The HIF-1 network. The heterodimeric transcription factor HIF-1 consists of a β-subunit (HIF-1β), which is constitutively expressed, as well as an α-subunit (HIF-1α), the expression and stability of which is tightly regulated. Destabilizing factors for HIF-1α are indicated in red colour, whereas stabilizing factors are indicated in blue colour. Translation of HIF-1α is enhanced by the activity of mTORC1 and its downstream activities, which provides a link of HIF-1 activity to survival pathways. The proteolytic degradation of HIF-1α is mediated by the proteasome subsequent to ubiquitylation mediated by the von Hippel-Lindau (VHL)-protein. The recognition of HIF-1α is dependent on the hydroxylation of prolyl residues, which is catalyzed by HIF-1 prolyl hydroxylases 1–3 (HPH). The activity of HPH is a function of the oxygen tension within the cell. HIF-1α is stabilized by hypoxia as well as by several other factors which reflect a loss of metabolic activity in the mitochondria. HIF-1 transactivates a variety of genes which contribute to the hallmarks of aggressive cancer. Notably, at least one of the HIF-1 target genes, PDK1, directly represses the TCA and OXPHOS by the inhibition of PDC.

Figure 3.

Signalling events which determine glucose utilization within the cell. The PI3K-AKT-mTOR-pathway promotes the glycolytic phenotype at various sites via the direct modulation of target proteins as well as on the transcriptional and translational level (for review see Thompson and Thompson, 2004; Sabatini, 2006). One key event supporting aerobic glycolysis is the elevated translation of HIF-1α, the effects of which are illustrated in Figure 2 and discussed in the text.
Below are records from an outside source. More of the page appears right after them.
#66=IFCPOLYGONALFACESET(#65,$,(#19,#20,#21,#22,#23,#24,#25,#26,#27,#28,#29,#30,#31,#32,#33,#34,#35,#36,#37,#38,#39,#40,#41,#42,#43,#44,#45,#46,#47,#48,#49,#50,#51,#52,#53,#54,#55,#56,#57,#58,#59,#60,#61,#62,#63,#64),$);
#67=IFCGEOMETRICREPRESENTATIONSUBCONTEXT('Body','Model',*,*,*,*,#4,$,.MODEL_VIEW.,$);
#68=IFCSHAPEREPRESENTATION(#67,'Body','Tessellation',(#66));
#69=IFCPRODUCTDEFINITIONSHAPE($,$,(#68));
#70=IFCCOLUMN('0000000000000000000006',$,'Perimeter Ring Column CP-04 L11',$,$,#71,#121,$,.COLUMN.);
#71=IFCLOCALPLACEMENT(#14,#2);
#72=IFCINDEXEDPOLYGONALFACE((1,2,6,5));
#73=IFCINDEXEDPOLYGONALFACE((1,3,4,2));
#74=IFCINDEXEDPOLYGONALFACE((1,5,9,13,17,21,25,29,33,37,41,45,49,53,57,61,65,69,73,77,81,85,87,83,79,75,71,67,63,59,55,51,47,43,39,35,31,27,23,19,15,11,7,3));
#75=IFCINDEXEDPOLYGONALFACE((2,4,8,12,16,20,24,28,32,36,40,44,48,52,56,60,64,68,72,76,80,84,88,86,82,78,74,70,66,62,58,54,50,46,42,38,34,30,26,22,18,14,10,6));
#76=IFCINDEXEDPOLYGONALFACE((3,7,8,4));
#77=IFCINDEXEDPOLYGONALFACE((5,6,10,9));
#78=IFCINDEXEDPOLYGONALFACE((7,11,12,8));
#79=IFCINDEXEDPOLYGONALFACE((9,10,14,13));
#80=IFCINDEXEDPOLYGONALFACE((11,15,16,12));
Mitochondrial ROS activate the PI3K-AKT-mTOR-pathway via redox-mediated inhibition of PTEN. Active AMPK and rapamycin negatively regulate PI3K-signalling via suppression of mTORC1. Active AMPK also regulates a glucose-dependent cell cycle checkpoint via phosphorylation of p53. Intact p53 can further directly regulate both glycolysis and OXPHOS via transactivation of its target genes TIGAR and SCO2. Intracellular proteins conferring a suppressive effect on PI3K signalling are indicated in dark blue colour, whereas those which promote this pathway and enable the glycolytic phenotype are indicated in light blue colour.